Fusing Communication and Compute with New Device API and Copy Engine Collectives in NVIDIA NCCL 2.28

The latest release of the NVIDIA Collective Communications Library (NCCL) introduces a groundbreaking fusion of communication and computation for higher throughput, reduced latency, and maximized GPU utilization across multi-GPU and multi-node systems.
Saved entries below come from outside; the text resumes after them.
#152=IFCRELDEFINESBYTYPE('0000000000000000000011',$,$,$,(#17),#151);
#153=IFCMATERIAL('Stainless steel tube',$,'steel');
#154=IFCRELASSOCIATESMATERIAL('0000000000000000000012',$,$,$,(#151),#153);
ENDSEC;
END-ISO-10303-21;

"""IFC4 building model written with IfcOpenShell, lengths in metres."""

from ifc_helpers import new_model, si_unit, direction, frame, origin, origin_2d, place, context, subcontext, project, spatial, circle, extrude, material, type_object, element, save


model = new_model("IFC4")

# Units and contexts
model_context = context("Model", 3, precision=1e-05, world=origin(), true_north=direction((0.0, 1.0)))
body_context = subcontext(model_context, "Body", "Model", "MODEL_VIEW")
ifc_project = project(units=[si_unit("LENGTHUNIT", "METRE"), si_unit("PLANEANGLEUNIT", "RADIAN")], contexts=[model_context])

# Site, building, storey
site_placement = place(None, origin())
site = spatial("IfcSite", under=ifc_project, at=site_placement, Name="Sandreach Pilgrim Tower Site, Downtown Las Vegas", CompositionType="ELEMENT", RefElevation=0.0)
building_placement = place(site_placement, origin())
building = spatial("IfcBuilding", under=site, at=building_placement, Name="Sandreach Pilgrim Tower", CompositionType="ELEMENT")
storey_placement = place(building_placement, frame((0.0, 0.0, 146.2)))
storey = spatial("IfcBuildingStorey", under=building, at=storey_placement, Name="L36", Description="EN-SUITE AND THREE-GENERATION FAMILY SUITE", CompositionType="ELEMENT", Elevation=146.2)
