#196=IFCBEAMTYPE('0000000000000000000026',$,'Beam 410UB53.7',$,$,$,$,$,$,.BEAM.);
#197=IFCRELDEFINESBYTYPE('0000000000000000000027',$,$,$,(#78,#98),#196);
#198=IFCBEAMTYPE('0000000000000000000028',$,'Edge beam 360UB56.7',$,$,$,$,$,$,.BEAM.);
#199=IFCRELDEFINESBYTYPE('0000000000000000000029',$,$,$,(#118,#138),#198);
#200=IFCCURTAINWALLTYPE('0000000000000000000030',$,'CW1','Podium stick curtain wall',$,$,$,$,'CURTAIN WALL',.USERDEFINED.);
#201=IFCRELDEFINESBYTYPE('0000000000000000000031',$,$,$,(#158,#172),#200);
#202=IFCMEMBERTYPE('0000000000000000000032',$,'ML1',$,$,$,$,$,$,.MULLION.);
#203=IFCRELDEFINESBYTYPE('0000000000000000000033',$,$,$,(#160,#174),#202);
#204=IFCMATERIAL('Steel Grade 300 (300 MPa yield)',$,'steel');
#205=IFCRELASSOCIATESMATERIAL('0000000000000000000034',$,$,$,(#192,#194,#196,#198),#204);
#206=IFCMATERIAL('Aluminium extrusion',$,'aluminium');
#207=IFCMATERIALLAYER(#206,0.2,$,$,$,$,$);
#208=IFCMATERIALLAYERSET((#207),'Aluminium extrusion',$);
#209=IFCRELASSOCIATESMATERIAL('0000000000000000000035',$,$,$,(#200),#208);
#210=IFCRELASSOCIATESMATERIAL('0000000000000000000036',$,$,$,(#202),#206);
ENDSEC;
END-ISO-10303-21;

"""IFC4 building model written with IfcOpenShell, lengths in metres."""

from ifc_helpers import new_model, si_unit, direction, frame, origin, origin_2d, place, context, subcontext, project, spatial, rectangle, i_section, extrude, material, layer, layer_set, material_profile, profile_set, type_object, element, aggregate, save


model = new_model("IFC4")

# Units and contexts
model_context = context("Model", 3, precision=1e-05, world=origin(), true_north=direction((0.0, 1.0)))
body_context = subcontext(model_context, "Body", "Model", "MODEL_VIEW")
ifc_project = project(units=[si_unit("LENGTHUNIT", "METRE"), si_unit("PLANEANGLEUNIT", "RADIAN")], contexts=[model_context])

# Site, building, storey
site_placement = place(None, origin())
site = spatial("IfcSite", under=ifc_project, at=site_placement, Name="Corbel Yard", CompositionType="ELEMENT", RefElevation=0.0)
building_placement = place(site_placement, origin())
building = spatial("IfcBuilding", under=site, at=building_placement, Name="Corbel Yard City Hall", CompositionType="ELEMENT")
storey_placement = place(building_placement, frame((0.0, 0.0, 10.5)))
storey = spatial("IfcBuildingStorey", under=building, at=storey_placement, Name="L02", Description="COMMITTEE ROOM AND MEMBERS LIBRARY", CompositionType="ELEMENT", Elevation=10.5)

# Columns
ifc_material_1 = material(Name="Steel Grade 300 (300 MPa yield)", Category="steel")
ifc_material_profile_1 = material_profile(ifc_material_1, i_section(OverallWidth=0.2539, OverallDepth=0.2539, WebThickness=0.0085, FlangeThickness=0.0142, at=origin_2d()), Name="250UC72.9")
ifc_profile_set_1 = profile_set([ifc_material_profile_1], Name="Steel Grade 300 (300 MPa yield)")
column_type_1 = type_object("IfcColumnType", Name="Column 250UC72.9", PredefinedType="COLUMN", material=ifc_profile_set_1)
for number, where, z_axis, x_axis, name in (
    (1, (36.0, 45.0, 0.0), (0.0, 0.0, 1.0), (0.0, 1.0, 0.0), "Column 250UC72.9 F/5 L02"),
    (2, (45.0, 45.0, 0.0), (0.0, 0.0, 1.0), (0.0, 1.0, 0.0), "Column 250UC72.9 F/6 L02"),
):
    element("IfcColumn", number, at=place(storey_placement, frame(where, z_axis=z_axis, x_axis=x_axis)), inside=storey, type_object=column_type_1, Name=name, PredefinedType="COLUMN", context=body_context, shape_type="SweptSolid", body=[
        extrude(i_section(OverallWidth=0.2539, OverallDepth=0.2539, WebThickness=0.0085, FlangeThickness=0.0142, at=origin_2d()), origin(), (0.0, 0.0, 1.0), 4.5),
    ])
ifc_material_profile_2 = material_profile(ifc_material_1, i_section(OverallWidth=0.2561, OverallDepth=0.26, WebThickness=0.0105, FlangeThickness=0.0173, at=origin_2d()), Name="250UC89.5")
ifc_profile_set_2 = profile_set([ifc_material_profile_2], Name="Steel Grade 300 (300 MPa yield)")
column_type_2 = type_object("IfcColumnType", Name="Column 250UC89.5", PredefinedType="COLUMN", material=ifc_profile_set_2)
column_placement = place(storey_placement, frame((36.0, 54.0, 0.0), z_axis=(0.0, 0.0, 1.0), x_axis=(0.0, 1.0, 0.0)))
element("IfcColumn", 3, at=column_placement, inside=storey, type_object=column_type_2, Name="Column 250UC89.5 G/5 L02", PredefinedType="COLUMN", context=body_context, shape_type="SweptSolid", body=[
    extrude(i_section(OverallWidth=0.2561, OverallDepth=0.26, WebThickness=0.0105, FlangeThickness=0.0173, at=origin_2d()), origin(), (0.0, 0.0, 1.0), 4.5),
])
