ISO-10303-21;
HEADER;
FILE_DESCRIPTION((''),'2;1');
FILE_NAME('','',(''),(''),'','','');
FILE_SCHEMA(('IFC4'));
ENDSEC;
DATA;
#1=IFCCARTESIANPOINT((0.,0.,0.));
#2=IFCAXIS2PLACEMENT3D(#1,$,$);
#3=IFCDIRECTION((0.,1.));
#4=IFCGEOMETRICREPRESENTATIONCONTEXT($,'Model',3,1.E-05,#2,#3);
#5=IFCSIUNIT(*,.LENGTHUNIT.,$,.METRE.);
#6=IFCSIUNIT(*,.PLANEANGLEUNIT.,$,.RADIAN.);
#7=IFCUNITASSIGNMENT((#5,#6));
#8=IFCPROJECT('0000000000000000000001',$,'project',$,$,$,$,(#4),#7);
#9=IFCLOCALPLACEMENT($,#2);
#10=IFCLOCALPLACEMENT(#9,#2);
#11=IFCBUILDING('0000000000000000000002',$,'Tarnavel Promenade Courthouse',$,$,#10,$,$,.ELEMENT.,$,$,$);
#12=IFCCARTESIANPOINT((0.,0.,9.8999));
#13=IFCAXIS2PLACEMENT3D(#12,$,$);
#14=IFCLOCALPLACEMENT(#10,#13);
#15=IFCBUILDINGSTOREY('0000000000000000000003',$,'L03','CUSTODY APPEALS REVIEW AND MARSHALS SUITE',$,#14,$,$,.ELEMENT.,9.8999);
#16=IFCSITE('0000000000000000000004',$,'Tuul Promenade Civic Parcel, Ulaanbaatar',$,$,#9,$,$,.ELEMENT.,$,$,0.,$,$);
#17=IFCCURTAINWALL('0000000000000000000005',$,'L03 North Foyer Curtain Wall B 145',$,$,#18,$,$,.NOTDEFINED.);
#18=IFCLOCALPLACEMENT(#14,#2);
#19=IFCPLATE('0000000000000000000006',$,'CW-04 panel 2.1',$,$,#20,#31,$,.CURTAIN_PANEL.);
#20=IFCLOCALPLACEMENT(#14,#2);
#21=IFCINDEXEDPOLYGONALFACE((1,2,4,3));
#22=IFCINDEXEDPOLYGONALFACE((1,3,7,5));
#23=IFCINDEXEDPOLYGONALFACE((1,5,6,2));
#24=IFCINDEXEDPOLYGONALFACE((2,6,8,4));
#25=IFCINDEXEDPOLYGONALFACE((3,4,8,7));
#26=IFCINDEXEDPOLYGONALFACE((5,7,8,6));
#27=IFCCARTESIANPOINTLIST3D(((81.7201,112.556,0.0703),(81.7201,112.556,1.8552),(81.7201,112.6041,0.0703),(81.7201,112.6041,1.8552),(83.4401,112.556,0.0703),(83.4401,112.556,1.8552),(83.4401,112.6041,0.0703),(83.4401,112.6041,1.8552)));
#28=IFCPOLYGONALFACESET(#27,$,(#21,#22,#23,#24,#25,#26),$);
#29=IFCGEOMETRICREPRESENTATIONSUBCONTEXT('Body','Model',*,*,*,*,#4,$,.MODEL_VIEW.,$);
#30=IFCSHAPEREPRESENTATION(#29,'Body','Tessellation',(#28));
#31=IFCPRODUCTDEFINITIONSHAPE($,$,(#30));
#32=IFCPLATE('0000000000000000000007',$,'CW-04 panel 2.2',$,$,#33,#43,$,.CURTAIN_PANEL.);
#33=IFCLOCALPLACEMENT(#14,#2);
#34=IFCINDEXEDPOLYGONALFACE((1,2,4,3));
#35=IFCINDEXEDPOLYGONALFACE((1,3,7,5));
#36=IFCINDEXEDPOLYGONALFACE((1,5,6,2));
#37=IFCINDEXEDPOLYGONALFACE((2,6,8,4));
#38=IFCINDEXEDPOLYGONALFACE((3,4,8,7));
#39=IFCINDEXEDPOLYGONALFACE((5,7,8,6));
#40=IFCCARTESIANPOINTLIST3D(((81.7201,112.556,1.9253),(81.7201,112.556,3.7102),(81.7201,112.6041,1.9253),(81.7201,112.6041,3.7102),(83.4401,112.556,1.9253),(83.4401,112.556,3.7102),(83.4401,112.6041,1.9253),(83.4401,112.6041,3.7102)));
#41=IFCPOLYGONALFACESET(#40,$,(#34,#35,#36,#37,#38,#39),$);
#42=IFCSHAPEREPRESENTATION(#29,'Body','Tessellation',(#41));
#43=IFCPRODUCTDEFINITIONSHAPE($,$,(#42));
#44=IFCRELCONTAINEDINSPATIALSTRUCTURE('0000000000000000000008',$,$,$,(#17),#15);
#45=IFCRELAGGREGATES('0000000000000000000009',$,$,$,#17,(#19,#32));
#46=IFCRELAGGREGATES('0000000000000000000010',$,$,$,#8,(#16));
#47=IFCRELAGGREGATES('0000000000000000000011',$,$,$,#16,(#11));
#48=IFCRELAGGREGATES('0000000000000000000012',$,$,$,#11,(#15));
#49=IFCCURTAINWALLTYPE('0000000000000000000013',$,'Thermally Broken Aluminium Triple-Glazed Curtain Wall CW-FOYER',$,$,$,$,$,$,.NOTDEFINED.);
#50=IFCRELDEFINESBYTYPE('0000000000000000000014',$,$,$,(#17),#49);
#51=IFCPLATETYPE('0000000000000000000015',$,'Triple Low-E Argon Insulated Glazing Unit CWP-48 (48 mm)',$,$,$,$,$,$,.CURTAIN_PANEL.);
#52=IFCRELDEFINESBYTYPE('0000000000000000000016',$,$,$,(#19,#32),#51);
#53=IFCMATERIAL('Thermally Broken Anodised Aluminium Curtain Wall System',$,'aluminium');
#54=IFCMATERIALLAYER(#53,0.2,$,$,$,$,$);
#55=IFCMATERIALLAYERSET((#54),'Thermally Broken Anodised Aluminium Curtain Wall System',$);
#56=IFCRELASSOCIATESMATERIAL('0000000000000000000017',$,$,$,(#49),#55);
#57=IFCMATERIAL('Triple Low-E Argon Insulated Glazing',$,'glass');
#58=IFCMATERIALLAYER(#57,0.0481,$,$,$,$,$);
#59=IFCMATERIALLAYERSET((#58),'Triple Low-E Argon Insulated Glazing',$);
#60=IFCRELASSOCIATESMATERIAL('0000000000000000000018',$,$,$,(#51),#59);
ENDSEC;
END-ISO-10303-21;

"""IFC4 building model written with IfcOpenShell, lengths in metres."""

from ifc_helpers import new_model, si_unit, direction, frame, origin, origin_2d, place, context, subcontext, project, spatial, rectangle, extrude, material, layer, layer_set, type_object, element, aggregate, save


model = new_model("IFC4")

# Units and contexts
model_context = context("Model", 3, precision=1e-05, world=origin(), true_north=direction((0.0, 1.0)))
body_context = subcontext(model_context, "Body", "Model", "MODEL_VIEW")
ifc_project = project(units=[si_unit("LENGTHUNIT", "METRE"), si_unit("PLANEANGLEUNIT", "RADIAN")], contexts=[model_context])

# Site, building, storey
site_placement = place(None, origin())
site = spatial("IfcSite", under=ifc_project, at=site_placement, Name="Tuul Promenade Civic Parcel, Ulaanbaatar", CompositionType="ELEMENT", RefElevation=0.0)
building_placement = place(site_placement, origin())
building = spatial("IfcBuilding", under=site, at=building_placement, Name="Tarnavel Promenade Courthouse", CompositionType="ELEMENT")
storey_placement = place(building_placement, frame((0.0, 0.0, 9.8999)))
storey = spatial("IfcBuildingStorey", under=building, at=storey_placement, Name="L03", Description="CUSTODY APPEALS REVIEW AND MARSHALS SUITE", CompositionType="ELEMENT", Elevation=9.8999)

# Shared definitions
ifc_material_1 = material(Name="Thermally Broken Anodised Aluminium Curtain Wall System", Category="aluminium")
ifc_layer_1 = layer(ifc_material_1, 0.2)
ifc_layer_set_1 = layer_set([ifc_layer_1], Name="Thermally Broken Anodised Aluminium Curtain Wall System")
curtain_wall_type = type_object("IfcCurtainWallType", Name="Thermally Broken Aluminium Triple-Glazed Curtain Wall CW-FOYER", PredefinedType="NOTDEFINED", material=ifc_layer_set_1)

# Curtain wall
curtain_wall_1_placement = place(storey_placement, origin())
curtain_wall_1 = element("IfcCurtainWall", 1, at=curtain_wall_1_placement, inside=storey, type_object=curtain_wall_type, Name="L03 North Foyer Curtain Wall B 145", PredefinedType="NOTDEFINED")

# Plates
ifc_material_2 = material(Name="Triple Low-E Argon Insulated Glazing", Category="glass")
ifc_layer_2 = layer(ifc_material_2, 0.0481)
ifc_layer_set_2 = layer_set([ifc_layer_2], Name="Triple Low-E Argon Insulated Glazing")
plate_type = type_object("IfcPlateType", Name="Triple Low-E Argon Insulated Glazing Unit CWP-48 (48 mm)", PredefinedType="CURTAIN_PANEL", material=ifc_layer_set_2)
plate_1_placement = place(storey_placement, frame((82.5801, 112.5801, 0.0703), z_axis=(0.0, 0.0, 1.0), x_axis=(1.0, 0.0, 0.0)))
plate_1 = element("IfcPlate", 2, at=plate_1_placement, type_object=plate_type, Name="CW-04 panel 2.1", PredefinedType="CURTAIN_PANEL", context=body_context, shape_type="SweptSolid", body=[
    extrude(rectangle(XDim=1.72, YDim=0.0481, at=origin_2d()), origin(), (0.0, 0.0, 1.0), 1.7849),
])
plate_2_placement = place(storey_placement, frame((82.5801, 112.5801, 1.9253), z_axis=(0.0, 0.0, 1.0), x_axis=(1.0, 0.0, 0.0)))
plate_2 = element("IfcPlate", 3, at=plate_2_placement, type_object=plate_type, Name="CW-04 panel 2.2", PredefinedType="CURTAIN_PANEL", context=body_context, shape_type="SweptSolid", body=[
    extrude(rectangle(XDim=1.72, YDim=0.0481, at=origin_2d()), origin(), (0.0, 0.0, 1.0), 1.7849),
])
aggregate(curtain_wall_1, [plate_1, plate_2])

save(model, "model.ifc")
NCCL 2.28 focuses on GPU-initiated networking, device APIs for communication-compute fusion, copy-engine-based collectives, and new APIs for developers to build efficient, scalable distributed applications. Alongside these performance innovations, this release also enhances the developer experience with expanded APIs, improved tooling, and cleaner integration paths, empowering developers to write custom communication kernels and scale their applications with greater flexibility and efficiency.

Release highlights

Improvements to performance, monitoring, reliability, and quality of service are supported through the following features:

Device API: enables development of custom device kernels for communication/compute fusion, including GPU-initiated networking, for kernels to perform network operations directly.
Copy Engine (CE) -based collectives: Developers can use CEs to drive NVIDIA NVLink transfers, reducing compute-resource contention for streaming multiprocessors (SM).
NCCL Inspector: Provides a low-overhead profiling plugin that enables always-on observability and analysis of NCCL communication patterns.
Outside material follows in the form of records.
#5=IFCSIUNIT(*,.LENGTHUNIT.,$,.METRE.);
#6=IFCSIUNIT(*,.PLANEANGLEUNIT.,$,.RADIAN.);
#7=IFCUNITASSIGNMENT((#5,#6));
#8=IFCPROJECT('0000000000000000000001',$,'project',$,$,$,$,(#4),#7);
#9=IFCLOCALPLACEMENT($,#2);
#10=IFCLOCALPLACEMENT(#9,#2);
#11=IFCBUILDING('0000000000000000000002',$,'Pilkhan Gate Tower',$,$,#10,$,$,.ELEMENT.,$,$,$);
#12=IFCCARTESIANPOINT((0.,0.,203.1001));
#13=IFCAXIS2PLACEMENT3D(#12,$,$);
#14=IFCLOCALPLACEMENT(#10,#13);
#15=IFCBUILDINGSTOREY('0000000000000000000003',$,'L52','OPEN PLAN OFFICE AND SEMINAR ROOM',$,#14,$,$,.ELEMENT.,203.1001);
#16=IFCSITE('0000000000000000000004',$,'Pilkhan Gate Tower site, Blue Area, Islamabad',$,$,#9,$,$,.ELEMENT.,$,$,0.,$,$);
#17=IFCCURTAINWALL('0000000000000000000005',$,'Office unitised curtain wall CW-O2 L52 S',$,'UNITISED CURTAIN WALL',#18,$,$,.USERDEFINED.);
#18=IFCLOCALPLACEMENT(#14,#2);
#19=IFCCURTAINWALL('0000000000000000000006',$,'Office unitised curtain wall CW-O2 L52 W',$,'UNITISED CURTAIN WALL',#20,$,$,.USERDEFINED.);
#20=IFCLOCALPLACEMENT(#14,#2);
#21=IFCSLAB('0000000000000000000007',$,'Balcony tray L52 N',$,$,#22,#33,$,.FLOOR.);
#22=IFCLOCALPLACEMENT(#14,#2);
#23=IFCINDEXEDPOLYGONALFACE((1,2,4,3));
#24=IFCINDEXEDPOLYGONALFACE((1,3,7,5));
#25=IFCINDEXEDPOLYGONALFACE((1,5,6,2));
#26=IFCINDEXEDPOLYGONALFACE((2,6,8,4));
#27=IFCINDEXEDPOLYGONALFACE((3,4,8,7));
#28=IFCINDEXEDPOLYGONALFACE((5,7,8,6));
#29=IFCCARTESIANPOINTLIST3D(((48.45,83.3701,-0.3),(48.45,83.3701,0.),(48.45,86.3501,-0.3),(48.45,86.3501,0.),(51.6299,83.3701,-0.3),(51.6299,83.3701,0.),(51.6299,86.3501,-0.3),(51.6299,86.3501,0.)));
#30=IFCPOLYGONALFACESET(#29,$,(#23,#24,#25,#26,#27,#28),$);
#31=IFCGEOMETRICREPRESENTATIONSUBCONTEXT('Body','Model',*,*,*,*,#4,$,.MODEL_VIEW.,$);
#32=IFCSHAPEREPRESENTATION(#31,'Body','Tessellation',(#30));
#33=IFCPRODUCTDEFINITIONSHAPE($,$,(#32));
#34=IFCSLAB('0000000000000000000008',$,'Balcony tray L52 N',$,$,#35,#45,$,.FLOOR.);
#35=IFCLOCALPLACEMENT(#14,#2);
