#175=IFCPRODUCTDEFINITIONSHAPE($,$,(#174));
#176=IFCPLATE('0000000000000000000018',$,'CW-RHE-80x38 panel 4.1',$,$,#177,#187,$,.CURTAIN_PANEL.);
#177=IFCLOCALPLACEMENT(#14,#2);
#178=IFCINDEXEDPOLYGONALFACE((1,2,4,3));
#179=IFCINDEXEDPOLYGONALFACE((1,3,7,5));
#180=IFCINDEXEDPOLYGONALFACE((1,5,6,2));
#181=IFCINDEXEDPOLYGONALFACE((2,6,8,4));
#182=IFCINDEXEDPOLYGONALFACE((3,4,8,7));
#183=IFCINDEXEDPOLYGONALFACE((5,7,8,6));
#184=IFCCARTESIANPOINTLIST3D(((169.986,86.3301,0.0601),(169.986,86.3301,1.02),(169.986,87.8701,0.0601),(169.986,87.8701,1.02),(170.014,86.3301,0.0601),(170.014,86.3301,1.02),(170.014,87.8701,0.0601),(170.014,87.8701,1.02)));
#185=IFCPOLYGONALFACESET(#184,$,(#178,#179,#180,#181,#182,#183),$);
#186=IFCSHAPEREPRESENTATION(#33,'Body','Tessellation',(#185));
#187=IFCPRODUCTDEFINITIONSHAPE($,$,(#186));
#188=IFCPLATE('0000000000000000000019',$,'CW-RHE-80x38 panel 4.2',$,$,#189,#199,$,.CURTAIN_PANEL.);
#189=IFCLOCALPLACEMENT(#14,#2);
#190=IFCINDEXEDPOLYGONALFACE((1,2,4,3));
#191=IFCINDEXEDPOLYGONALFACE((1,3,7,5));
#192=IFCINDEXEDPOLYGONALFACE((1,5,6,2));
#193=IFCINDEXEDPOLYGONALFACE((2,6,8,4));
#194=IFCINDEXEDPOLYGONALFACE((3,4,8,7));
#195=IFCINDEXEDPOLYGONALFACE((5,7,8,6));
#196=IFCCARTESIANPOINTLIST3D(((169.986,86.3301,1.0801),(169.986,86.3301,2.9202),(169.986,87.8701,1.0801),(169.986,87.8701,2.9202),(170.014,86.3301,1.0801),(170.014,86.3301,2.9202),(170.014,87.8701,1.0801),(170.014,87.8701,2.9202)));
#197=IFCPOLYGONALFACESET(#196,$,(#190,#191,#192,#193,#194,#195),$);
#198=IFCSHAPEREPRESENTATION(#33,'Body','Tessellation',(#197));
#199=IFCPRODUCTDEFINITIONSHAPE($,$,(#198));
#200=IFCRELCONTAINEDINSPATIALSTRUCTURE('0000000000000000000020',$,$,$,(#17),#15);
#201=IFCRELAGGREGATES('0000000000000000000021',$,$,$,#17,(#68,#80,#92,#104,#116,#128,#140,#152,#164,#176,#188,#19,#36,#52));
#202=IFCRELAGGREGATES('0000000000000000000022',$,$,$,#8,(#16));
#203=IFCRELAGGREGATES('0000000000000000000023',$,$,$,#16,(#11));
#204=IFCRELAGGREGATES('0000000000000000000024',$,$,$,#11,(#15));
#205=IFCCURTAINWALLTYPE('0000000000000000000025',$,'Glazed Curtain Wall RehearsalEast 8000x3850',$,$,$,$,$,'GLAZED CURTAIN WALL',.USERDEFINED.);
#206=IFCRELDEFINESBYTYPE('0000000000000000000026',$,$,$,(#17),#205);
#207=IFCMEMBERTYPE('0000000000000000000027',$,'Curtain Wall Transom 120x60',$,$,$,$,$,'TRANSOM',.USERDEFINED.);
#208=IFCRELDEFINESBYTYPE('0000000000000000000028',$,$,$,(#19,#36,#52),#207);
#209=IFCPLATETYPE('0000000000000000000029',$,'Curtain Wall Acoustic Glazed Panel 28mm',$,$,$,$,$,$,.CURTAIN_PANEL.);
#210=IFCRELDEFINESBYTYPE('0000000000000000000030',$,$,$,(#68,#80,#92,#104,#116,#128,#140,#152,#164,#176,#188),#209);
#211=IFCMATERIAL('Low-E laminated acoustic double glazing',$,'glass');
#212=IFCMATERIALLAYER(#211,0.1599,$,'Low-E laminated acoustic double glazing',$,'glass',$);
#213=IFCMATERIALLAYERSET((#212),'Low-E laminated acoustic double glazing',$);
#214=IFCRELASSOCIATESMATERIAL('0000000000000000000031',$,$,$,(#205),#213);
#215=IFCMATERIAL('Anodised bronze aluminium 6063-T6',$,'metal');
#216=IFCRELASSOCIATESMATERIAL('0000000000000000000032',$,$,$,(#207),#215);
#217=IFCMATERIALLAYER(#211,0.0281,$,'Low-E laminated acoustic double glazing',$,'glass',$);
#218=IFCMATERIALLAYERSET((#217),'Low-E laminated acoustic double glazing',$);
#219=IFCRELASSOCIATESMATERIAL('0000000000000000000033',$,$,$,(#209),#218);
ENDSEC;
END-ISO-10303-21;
How the NCCL device API enables direct kernel communication

NCCL 2.28 introduces a device-side communication API for direct communication within NVIDIA CUDA kernels. Previously, all NCCL operations were host-initiated, introducing synchronization overhead. With the new API, kernels initiate data movement directly, integrating communication with compute operations, which yields more throughput and less overhead. To use the new API, you must use data buffers with symmetric memory windows.
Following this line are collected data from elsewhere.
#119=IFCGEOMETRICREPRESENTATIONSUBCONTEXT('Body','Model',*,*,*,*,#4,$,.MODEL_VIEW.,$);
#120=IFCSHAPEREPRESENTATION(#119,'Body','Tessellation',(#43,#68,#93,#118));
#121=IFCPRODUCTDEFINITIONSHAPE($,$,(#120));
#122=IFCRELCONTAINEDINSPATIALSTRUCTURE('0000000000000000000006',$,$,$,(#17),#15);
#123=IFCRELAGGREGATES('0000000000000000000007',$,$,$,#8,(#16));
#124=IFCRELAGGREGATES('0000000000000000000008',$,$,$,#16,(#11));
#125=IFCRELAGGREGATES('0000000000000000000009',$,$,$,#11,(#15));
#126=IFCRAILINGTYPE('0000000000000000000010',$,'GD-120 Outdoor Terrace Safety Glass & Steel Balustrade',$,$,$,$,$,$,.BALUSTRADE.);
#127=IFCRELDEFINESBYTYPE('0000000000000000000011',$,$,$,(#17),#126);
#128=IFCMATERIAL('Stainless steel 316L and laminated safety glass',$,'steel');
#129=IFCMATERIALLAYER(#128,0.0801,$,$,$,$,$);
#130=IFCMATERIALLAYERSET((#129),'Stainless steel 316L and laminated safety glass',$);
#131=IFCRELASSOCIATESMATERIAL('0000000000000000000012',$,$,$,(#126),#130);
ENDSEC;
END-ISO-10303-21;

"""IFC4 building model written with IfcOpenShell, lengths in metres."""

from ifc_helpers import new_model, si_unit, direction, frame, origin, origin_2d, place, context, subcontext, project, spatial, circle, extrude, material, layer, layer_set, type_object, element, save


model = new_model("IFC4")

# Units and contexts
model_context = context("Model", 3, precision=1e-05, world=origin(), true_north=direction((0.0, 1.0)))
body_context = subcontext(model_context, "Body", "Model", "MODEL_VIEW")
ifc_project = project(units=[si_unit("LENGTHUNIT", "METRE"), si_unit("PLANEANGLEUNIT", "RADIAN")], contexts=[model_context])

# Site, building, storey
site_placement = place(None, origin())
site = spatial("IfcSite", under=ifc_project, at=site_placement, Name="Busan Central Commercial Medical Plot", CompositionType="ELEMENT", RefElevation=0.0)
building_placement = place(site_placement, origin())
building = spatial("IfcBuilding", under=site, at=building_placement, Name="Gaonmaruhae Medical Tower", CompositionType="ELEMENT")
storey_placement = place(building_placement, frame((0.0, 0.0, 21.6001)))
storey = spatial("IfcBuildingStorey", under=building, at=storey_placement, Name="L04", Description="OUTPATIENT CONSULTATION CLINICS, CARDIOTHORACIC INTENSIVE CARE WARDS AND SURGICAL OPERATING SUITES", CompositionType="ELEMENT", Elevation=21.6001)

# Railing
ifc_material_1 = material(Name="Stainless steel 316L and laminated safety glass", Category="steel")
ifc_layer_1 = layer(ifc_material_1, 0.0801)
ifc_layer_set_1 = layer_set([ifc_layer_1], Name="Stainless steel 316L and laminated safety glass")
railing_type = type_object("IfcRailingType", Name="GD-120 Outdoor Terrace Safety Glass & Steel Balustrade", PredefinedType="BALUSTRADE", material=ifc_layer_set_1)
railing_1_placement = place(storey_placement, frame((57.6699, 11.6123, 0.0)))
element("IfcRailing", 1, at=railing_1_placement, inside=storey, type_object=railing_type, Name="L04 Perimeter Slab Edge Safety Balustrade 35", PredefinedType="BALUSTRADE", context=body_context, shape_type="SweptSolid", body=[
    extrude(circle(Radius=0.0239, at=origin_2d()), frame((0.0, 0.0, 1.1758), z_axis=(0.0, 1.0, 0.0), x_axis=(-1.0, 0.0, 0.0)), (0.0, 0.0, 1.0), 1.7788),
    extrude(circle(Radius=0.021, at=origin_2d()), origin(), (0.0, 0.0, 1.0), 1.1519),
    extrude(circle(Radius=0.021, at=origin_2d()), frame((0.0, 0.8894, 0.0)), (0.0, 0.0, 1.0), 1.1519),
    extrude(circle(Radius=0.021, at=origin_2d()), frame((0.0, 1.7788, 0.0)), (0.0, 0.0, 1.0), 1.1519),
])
Currently, three operation modes are supported:

Load/Store Accessible (LSA): For communication between devices accessible via memory load/store operations, using CUDA P2P.
Multimem: For communication between devices using the hardware multicast feature provided by NVLink SHARP
GPU Initiated Networking (GIN): For communication between devices initiated by the GPU using the network.

Flowchart showing three NCCL Device API operation modes for GPU memory communication. “LSA” (Load/Store Accessible Memory) enables access to remote memory over PCI for load/store operations. “Multimem” (NVLink Sharp) provides multicast load/reduce operations over NVLink. “GIN” (GPU-Initiated Networking) supports put, wait, and signal operations over network mechanisms such as GDAKI and Proxy. The diagram maps each mode to its corresponding interconnect technology. — *Figure 1.* *Three modes of operation are supported via the Device API for memory communication and underlying communication mechanisms*

More information is available in the online documentation.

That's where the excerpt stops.